There's a fair amount of other ugliness in dmesg, e.g.

[1843134.114144] INFO: task gmond:61831 blocked for more than 120 seconds.
[1843134.145729] Not tainted 3.13.0-49-generic #83-Ubuntu
[1843134.171780] "echo 0 > /proc/sys/kernel/hung_task_timeout_secs" disables this message.
[1843134.209079] gmond D ffff882f7fa134c0 0 61831 1 0x00000000
[1843134.209087] ffff880cf5435d70 0000000000000082 ffff88110c2a6000 ffff880cf5435fd8
[1843134.209097] 00000000000134c0 00000000000134c0 ffff88110c2a6000 ffffffff81cdc420
[1843134.209105] ffffffff81cdc424 ffff88110c2a6000 00000000ffffffff ffffffff81cdc428
[1843134.209113] Call Trace:
[1843134.209131] [<ffffffff81726469>] schedule_preempt_disabled+0x29/0x70
[1843134.209135] [<ffffffff817282d5>] mutex_lock_slowpath+0x135/0x1b0
[1843134.209139] [<ffffffff8172836f>] mutex_lock+0x1f/0x2f
[1843134.209148] [<ffffffff81633e15>] rtnl_lock+0x15/0x20
[1843134.209165] [<ffffffffa04a4bcf>] vlan_ioctl_handler+0x4f/0x4a0 [8021q]
[1843134.209176] [<ffffffff8131430b>] ? apparmor_sk_alloc_security+0x2b/0x60
[1843134.209186] [<ffffffff8160a845>] sock_ioctl+0x1b5/0x2c0
[1843134.209192] [<ffffffff811d1200>] do_vfs_ioctl+0x2e0/0x4c0
[1843134.209200] [<ffffffff811bfebe>] ? alloc_file+0x1e/0xf0
[1843134.209207] [<ffffffff811dbc07>] ?
fd_install+0x47/0x60
[1843134.209211] [<ffffffff811d1461>] SyS_ioctl+0x81/0xa0
[1843134.209216] [<ffffffff8173263d>] system_call_fastpath+0x1a/0x1f

I'm guess it's all related -- maybe a busted fan?

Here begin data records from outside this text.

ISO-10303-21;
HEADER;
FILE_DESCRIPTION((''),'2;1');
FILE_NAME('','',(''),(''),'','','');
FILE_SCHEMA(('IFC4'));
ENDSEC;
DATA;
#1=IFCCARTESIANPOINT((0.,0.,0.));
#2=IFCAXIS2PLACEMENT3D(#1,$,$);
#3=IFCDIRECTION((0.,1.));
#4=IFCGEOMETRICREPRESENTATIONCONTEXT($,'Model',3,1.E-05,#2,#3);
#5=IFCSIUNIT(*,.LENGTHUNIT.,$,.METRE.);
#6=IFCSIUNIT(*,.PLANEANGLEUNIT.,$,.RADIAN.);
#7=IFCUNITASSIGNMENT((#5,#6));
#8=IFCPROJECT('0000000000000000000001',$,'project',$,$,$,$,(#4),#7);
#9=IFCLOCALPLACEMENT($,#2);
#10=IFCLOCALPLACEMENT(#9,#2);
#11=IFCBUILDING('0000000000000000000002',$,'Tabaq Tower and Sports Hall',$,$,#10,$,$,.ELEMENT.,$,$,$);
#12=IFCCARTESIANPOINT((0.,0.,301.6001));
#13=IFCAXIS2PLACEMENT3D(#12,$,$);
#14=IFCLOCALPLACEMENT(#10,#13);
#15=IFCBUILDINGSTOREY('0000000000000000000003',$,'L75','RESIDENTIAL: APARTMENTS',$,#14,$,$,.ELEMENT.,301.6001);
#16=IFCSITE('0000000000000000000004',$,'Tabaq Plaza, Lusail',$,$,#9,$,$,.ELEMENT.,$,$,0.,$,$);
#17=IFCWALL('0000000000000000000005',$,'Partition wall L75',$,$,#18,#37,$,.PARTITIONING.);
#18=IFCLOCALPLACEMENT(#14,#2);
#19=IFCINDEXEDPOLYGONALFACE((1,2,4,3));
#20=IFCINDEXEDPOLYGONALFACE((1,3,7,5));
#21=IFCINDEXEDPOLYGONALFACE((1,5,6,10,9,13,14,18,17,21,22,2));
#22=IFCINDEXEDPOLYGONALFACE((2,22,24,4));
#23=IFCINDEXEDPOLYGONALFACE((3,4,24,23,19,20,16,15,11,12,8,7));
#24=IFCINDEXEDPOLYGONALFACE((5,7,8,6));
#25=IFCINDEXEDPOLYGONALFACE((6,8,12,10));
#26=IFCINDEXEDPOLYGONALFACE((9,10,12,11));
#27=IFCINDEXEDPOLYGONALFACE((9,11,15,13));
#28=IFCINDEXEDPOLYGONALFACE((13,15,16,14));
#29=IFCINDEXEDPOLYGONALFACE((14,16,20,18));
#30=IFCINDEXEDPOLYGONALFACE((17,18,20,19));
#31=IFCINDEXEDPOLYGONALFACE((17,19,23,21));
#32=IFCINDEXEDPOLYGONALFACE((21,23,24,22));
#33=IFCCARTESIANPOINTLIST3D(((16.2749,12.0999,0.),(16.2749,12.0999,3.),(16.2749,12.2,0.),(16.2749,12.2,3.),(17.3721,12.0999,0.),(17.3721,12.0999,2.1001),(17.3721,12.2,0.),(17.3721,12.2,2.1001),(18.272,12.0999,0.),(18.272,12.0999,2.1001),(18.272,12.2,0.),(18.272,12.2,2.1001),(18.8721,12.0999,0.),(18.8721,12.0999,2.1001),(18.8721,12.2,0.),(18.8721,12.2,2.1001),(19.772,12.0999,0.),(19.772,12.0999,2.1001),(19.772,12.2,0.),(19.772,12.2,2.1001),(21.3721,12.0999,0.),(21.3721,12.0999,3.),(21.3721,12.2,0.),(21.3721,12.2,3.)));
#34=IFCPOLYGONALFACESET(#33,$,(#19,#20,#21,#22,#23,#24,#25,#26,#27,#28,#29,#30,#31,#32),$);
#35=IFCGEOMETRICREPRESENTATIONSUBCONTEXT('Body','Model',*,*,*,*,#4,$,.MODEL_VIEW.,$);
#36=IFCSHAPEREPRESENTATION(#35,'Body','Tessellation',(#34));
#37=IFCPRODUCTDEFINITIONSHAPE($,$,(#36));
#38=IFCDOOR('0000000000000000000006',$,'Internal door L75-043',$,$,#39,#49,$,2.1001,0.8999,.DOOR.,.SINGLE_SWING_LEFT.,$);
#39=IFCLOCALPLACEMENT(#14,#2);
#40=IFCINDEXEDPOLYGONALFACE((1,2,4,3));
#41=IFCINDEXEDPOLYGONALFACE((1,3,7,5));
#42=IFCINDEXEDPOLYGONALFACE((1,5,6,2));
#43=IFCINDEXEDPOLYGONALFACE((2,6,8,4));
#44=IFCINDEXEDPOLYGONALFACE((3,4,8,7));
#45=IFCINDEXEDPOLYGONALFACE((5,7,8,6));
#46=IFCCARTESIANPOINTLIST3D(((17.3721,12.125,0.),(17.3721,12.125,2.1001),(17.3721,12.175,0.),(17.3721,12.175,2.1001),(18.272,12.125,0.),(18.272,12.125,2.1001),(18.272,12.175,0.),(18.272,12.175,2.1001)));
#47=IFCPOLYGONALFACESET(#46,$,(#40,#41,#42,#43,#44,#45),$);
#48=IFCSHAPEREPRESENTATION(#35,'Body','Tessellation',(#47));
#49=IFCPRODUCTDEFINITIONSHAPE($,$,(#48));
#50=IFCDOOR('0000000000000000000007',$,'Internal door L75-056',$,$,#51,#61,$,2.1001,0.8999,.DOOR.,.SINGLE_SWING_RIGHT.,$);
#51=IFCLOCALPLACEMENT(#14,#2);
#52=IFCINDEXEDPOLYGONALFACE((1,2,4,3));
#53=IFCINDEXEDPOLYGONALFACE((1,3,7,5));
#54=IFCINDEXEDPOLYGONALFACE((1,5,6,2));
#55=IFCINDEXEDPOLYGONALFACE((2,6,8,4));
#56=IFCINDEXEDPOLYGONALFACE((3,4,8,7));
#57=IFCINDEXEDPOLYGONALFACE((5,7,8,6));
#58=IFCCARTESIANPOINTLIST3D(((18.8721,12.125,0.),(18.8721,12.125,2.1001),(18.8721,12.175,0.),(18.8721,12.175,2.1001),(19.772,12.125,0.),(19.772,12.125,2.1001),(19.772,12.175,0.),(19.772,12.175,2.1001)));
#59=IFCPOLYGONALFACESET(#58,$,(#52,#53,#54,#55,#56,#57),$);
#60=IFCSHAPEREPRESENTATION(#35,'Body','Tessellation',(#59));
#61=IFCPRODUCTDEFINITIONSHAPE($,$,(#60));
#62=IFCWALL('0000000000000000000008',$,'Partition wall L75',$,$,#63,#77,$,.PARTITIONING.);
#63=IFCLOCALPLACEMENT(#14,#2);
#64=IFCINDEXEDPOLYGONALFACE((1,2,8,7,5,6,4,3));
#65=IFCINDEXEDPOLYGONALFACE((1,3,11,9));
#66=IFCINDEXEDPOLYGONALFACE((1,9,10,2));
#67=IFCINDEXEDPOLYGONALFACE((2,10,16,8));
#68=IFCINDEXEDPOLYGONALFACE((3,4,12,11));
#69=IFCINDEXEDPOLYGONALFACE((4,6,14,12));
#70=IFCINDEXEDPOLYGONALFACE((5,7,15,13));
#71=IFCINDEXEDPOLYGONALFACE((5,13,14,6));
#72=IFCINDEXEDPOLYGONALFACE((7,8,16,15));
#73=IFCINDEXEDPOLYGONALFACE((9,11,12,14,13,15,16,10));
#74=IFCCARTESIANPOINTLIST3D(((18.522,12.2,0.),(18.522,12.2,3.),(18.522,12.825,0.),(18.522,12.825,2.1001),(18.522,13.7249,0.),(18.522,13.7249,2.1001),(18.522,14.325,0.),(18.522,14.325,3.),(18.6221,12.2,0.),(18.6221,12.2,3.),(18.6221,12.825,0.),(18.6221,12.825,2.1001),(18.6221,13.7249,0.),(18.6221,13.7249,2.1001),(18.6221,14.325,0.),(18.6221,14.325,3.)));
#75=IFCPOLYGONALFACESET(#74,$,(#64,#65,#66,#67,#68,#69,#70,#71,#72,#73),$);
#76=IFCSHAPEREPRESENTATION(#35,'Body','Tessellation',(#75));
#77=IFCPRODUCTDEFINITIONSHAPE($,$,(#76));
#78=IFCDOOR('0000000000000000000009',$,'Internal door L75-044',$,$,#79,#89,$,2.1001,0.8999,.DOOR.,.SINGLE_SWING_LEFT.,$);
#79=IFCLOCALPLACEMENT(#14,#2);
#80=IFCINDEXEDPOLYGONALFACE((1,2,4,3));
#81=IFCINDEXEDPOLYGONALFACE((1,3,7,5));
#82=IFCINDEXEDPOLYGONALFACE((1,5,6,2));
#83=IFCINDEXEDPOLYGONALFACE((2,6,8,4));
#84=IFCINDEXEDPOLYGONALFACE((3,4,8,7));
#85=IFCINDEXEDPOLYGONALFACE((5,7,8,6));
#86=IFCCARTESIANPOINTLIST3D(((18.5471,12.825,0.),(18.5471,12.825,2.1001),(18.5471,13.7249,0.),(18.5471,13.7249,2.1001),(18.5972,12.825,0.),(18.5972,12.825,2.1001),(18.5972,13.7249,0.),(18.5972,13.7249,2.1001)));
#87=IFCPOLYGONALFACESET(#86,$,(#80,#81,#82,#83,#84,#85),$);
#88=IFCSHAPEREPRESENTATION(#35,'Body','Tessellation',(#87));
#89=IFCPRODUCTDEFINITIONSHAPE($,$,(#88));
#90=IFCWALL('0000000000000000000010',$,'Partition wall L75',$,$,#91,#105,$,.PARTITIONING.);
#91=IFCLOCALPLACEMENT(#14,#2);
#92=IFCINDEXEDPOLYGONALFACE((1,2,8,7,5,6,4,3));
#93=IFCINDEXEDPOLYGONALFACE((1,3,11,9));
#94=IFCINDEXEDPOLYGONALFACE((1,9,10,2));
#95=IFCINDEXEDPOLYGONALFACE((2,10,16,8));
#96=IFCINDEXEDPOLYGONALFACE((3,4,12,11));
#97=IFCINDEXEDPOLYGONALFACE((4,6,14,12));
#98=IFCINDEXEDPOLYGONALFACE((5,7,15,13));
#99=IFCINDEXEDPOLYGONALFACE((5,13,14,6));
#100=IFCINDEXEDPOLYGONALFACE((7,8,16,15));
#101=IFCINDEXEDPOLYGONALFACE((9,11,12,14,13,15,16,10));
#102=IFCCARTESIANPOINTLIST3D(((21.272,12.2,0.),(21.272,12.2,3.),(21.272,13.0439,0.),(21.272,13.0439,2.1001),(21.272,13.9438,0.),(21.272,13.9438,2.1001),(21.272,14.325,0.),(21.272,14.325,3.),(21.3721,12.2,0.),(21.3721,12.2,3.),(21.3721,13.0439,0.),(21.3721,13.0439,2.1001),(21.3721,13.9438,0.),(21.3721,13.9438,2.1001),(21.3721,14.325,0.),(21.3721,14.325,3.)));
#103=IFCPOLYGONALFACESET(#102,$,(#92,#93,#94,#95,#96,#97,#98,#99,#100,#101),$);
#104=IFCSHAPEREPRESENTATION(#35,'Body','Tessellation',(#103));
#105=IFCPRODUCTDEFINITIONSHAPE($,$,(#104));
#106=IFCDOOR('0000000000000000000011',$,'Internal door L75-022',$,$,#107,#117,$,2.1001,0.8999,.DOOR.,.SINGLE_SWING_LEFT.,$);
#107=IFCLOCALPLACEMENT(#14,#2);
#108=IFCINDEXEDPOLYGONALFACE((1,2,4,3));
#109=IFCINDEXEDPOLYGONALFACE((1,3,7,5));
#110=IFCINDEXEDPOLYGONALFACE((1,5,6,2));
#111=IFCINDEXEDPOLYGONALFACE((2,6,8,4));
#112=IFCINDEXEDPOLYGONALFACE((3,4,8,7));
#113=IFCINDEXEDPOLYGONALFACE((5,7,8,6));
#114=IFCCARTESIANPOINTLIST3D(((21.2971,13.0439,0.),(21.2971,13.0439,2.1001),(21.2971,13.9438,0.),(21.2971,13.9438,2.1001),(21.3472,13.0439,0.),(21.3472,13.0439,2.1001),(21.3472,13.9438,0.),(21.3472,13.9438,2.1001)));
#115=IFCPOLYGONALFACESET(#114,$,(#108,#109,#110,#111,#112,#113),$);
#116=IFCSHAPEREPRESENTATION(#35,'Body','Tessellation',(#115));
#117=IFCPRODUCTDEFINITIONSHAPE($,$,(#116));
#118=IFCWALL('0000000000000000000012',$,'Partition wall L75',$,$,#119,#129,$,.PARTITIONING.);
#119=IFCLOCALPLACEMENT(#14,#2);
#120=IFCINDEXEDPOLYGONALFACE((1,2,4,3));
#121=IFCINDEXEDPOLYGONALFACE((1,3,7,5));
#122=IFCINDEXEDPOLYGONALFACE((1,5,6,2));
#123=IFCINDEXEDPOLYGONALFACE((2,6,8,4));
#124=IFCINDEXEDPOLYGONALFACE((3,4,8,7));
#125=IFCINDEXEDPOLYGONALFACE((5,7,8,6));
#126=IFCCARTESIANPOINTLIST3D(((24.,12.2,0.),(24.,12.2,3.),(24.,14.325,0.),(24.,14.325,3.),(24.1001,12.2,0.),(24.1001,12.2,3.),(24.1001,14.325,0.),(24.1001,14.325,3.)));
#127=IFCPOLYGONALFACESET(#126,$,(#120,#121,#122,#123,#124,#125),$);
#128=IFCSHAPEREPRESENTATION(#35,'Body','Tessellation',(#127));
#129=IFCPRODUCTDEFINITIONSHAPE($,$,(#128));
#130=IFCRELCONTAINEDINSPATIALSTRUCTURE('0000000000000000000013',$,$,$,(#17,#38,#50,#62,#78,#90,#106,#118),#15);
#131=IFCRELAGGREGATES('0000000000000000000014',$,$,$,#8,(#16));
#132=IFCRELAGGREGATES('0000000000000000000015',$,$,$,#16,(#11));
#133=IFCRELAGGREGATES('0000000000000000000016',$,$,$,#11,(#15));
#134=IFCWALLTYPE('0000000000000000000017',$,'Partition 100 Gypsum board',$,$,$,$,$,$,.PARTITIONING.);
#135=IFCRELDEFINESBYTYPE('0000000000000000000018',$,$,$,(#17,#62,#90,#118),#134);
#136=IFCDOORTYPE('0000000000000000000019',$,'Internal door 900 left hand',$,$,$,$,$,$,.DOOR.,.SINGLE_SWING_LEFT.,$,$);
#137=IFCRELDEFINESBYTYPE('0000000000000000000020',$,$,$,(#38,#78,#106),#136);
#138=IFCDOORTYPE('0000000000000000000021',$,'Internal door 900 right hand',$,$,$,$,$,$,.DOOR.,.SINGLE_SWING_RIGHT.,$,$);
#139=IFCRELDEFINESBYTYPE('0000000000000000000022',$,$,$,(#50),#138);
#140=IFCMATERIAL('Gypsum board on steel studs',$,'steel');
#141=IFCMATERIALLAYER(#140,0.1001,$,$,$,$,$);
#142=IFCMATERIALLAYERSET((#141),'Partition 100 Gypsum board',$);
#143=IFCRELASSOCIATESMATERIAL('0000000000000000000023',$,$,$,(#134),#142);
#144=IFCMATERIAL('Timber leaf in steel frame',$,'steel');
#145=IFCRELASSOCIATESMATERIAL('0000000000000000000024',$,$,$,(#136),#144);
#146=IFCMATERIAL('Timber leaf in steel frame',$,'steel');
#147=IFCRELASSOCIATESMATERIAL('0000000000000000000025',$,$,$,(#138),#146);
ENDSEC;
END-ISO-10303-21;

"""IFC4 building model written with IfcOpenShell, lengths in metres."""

from ifc_helpers import new_model, si_unit, direction, frame, frame_2d, origin, place, context, subcontext, project, spatial, rectangle, extrude, material, layer, layer_set, type_object, element, fill, save


model = new_model("IFC4")

# Units and contexts
model_context = context("Model", 3, precision=1e-05, world=origin(), true_north=direction((0.0, 1.0)))
body_context = subcontext(model_context, "Body", "Model", "MODEL_VIEW")
ifc_project = project(units=[si_unit("LENGTHUNIT", "METRE"), si_unit("PLANEANGLEUNIT", "RADIAN")], contexts=[model_context])

# Site, building, storey
site_placement = place(None, origin())
site = spatial("IfcSite", under=ifc_project, at=site_placement, Name="Tabaq Plaza, Lusail", CompositionType="ELEMENT", RefElevation=0.0)
building_placement = place(site_placement, origin())
building = spatial("IfcBuilding", under=site, at=building_placement, Name="Tabaq Tower and Sports Hall", CompositionType="ELEMENT")
storey_placement = place(building_placement, frame((0.0, 0.0, 301.6001)))
storey = spatial("IfcBuildingStorey", under=building, at=storey_placement, Name="L75", Description="RESIDENTIAL: APARTMENTS", CompositionType="ELEMENT", Elevation=301.6001)

# Shared definitions
ifc_material_1 = material(Name="Gypsum board on steel studs", Category="steel")
ifc_layer_1 = layer(ifc_material_1, 0.1001)
ifc_layer_set_1 = layer_set([ifc_layer_1], Name="Partition 100 Gypsum board")
wall_type_1 = type_object("IfcWallType", Name="Partition 100 Gypsum board", PredefinedType="PARTITIONING", material=ifc_layer_set_1)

I'm going to leave the system up for now, since we might as well minimize the labs outage. I can't imagine this isn't going to require a dc visit though :(

Andrew triaged this task as Unbreak Now! priority.May 16 2015, 4:20 AM
Andrew set Security to None.

Oh, btw, sshd and ganglia-monitor are comatose on that system for reasons that are unclear to me. The mgmt console is working fine.

@Andrew why leaving this up would have "minimized the labs outage" is not clear to me. You've basically left a completely broken system (and an UBN!) ticket open to be consumed over the weekend and I don't agree with this choice.

This server has entered a very bad state for some reason, and it seems that sockets get opened but sending data to them gets stuck forever.

Since all the nrpe checks were hanging (all processes that require network access are in an uninterruptible sleep state )

I tried an "strace ip link show" and that hanged when trying to send data to a socket:

socket(PF_NETLINK, SOCK_RAW|SOCK_CLOEXEC, 0) = 3
setsockopt(3, SOL_SOCKET, SO_SNDBUF, [32768], 4) = 0
setsockopt(3, SOL_SOCKET, SO_RCVBUF, [1048576], 4) = 0
bind(3, {sa_family=AF_NETLINK, pid=0, groups=00000000}, 12) = 0
getsockname(3, {sa_family=AF_NETLINK, pid=2648, groups=00000000}, [12]) = 0
sendto(3, " \0\0\0\20\0\5\0\0\0\0\0\0\0\0\0\0\0\0\0\0\0\0\0\0\0\0\0\0\0\0\0", 32, 0, NULL, 0

which confirms there is some problem with the network stack, but it's not that helpful for further debugging

The only reason why I'm not rebooting this machine is that Andrew implied it would mean having downtime for labs, but I don't really see an alternative to an hard powercycle for now.

According to the ILO sensors both the fans and the temp sensors indicate OK/good health, so I doubt it's actually a matter of overheating.

The labs instances on the box seem to be working fine fwiw.